You provide reassurance to the patient’s mother and consult social work for maternal support and then discharge the patient home with pediatrician follow-up.

TAKE-AWAYS

  • In general, colic should only be diagnosed after exclusion of other causes of excessive crying.

  • A thorough history and review of systems is necessary to gain insight into potential factors contributing to the crying infant’s presentation.

  • The emergency medicine provider must have a systematic approach to the physical exam in the infant presenting with excess crying.

  • When diagnosing infantile colic, parents should be offered psychosocial support to help with coping and to prevent long-term adverse events such as parental depression or child abuse.

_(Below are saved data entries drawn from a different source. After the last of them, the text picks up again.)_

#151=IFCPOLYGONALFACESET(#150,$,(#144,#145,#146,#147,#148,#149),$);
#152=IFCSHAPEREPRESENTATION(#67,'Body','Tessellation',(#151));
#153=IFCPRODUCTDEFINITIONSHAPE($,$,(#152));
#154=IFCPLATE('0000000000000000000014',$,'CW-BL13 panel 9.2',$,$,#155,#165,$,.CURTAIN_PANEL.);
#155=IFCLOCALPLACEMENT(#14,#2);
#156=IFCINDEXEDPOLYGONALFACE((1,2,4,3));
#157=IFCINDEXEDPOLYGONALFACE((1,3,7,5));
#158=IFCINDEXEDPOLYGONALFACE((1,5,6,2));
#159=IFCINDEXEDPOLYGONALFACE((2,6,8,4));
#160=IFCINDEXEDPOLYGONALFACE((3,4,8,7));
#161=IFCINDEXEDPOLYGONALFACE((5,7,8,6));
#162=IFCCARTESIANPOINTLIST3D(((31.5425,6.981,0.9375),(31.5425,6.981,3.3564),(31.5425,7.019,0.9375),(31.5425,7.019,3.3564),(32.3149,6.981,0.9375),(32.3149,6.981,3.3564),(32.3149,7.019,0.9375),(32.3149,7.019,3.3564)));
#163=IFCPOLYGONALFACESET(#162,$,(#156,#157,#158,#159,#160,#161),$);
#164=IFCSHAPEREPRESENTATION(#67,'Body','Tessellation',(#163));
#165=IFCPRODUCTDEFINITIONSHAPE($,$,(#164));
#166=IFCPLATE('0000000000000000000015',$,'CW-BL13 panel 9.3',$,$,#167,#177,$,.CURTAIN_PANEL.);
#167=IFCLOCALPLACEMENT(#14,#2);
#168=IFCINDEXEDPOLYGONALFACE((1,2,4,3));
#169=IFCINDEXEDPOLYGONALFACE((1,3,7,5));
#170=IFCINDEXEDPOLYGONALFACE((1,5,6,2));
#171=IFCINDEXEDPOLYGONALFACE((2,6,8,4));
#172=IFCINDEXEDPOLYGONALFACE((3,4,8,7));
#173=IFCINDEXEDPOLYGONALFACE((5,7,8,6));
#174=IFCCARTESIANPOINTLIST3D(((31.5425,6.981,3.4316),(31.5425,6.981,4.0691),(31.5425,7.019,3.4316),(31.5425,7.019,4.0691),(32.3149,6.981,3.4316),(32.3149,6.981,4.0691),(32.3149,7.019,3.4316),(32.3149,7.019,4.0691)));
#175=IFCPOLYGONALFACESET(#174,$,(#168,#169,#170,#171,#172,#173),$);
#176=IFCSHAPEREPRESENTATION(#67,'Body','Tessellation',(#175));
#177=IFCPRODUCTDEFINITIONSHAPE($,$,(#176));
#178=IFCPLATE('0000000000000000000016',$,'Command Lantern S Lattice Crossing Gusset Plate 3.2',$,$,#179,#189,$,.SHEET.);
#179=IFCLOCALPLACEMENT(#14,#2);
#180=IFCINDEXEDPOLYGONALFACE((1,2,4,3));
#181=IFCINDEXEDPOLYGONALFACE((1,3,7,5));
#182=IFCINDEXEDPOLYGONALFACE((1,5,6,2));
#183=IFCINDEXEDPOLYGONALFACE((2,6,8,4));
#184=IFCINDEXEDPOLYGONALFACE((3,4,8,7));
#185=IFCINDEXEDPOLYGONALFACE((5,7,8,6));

AUTHOR: Michelle Myles, MD is a second-year emergency medicine resident at Brown University/Rhode Island Hospital

FACULTY REVIEWER: Meghan Beucher, MD is a pediatric emergency medicine physician at Hasbro Children’s Hospital


REFERENCES

  1. Herman M, Le A. The crying infant. Emerg Med Clin North Am. 2007;25(4):1137-vii. doi:10.1016/j.emc.2007.07.008

  2. Sung V. Infantile colic. Aust Prescr. 2018;41(4):105-110. doi:10.18773/austprescr.2018.033

  3. Freedman SB, Al-Harthy N, Thull-Freedman J. The crying infant: diagnostic testing and frequency of serious underlying disease. Pediatrics. 2009;123(3):841-848. doi:10.1542/peds.2008-0113

  4. Allister L, Ruest S. A systematic approach to the evaluation of acute unexplained crying in infants in the emergency department. Pediatr Emerg Med Pract. 2014;11(3):1-18.

  5. Matijasic N, Plesa Premilovac Z. Inconsolable Crying in Infants: Differential Diagnosis in the Pediatric Emergency Department. Clin Pediatr (Phila). 2019;58(2):133-139. doi:10.1177/0009922818798389

  6. Theiler M, Schwieger-Briel A, Cont M, et al. Bilateral palatine ulcers in a neonate: Bednar’s aphthae. Archives of Disease in Childhood 2018;103:1020.

  7. Tennant PW, Pearce MS, Bythell M, Rankin J. 20-year survival of children born with congenital anomalies: a population-based study. Lancet. 2010;375:649-656.